My writing desk/kitchen table.

What inspired your prize-winning essay “South Omaha from the F Street Exit, JFK Freeway”?

When I moved to Iowa City six years ago, maintaining my relationship with my family became a priority for me, so I’ve made many, many trips back home.  We always get off at the same exit, F Street, and always that same dirty / sad / funny / comforting scene unfolds as we drive from the freeway to my parents. South Omaha is relentlessly inspiring, as are the people who live there, especially my family.

Tell us about your writing process—either generally or specifically with regard to the birth and development of this piece.
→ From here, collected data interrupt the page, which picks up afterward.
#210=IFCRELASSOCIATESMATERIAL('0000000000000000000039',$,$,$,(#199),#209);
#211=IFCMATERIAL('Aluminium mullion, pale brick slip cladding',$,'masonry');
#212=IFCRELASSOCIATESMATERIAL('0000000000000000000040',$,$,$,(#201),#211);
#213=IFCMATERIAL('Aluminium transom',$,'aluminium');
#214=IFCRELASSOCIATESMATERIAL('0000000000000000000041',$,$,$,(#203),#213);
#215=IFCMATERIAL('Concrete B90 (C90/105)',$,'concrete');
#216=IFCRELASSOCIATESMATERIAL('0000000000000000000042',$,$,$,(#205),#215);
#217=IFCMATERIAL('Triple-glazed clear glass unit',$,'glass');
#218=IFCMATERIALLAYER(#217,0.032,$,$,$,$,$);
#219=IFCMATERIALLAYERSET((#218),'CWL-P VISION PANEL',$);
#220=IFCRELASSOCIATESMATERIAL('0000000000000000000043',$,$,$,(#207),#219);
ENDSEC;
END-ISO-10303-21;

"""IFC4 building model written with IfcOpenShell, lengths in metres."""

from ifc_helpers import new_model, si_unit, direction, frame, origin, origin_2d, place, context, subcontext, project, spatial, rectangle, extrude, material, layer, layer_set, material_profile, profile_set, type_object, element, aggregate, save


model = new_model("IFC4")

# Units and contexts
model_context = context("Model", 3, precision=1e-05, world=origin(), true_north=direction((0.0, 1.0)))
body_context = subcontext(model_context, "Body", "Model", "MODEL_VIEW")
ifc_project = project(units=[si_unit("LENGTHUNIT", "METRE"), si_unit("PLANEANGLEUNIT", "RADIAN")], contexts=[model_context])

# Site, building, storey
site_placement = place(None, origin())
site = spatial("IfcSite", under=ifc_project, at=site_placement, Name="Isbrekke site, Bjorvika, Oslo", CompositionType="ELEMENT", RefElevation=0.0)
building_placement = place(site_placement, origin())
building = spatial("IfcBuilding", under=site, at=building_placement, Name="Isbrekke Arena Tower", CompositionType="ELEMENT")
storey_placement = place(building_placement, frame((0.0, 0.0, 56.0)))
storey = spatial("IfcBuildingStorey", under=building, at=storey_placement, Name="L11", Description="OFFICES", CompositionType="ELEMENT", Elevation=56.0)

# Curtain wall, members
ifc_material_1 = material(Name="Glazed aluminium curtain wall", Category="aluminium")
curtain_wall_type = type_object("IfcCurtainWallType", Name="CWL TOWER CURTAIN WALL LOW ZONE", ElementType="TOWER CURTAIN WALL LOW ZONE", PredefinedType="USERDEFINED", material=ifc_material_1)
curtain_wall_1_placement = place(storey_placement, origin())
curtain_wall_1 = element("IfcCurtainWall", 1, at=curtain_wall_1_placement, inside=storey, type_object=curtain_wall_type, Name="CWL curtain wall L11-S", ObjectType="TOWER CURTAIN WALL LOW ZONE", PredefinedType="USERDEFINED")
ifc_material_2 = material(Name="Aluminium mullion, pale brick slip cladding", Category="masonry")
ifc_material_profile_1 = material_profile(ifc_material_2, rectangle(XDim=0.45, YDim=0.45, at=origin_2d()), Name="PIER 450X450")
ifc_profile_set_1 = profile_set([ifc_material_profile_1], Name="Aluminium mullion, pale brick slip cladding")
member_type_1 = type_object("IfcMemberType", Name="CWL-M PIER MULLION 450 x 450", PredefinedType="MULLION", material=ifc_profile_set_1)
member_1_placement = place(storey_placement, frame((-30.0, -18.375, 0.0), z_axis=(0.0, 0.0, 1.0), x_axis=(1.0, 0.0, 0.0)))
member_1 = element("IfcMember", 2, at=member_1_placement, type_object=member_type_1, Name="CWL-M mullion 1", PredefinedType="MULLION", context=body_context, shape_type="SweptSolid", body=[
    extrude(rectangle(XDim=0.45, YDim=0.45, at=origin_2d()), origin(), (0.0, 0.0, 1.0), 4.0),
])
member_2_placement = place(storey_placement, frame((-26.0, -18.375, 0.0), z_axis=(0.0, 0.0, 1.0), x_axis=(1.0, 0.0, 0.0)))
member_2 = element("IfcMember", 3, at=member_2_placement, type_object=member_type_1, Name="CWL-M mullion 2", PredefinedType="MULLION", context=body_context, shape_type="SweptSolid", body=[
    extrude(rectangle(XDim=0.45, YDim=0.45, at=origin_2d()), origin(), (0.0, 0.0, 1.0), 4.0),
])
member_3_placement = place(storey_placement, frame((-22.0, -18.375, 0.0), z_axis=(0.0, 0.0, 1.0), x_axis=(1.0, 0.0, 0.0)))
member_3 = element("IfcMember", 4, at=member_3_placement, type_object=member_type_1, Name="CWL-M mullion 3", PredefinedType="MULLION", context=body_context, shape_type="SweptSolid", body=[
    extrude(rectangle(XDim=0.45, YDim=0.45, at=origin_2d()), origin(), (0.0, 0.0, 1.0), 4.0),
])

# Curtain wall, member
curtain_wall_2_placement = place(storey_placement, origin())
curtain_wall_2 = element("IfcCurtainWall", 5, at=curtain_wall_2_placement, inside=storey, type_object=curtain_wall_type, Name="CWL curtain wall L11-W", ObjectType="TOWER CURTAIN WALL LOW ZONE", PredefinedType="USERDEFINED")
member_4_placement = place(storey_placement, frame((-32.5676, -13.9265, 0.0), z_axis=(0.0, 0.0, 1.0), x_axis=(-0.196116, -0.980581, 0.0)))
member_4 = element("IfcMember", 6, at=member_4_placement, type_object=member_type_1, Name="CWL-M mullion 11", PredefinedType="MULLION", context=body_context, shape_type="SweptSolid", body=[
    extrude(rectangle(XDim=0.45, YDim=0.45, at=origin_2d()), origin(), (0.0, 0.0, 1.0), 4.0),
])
If I have an actual process, it isn’t pretty: I usually get a big idea, spend a lot of time writing grand, sweeping, pseudo-philosophical junk, wring my hands over its lousiness for a few months or years, then finally find the one or two paragraphs that actually do work and turn those into a better (usually better, but sometimes not) essay. “South Omaha From the F Street Exit, JFK Freeway” started out as a history of cows, their domestication, evolution, and mass slaughter. In its original form, the essay actually started in Antarctica, explaining how the shifting ice eventually brought about the grasslands, which brought about the cows, and so on. The best prose was on slaughter, though, so I went down that rabbit hole and here we are.

The animal who lives under my writing desk/kitchen table.

Raymond Carver said a writer should follow the command “No tricks.” Do you keep any quotes or reminders at your desk? Or just in the back of your mind as you write?

I’m not much for quotes, but reminders, yes. Don’t be cocky. Don’t be clever. Write with love and hope. Keep going. No really, keep going. You can have a bowl of ice cream if you write an entire page tonight.

If you were to write a book on the craft of writing, what title would you use?

Every Single Stinking Word Counts. And given my pace, let’s call it a brochure.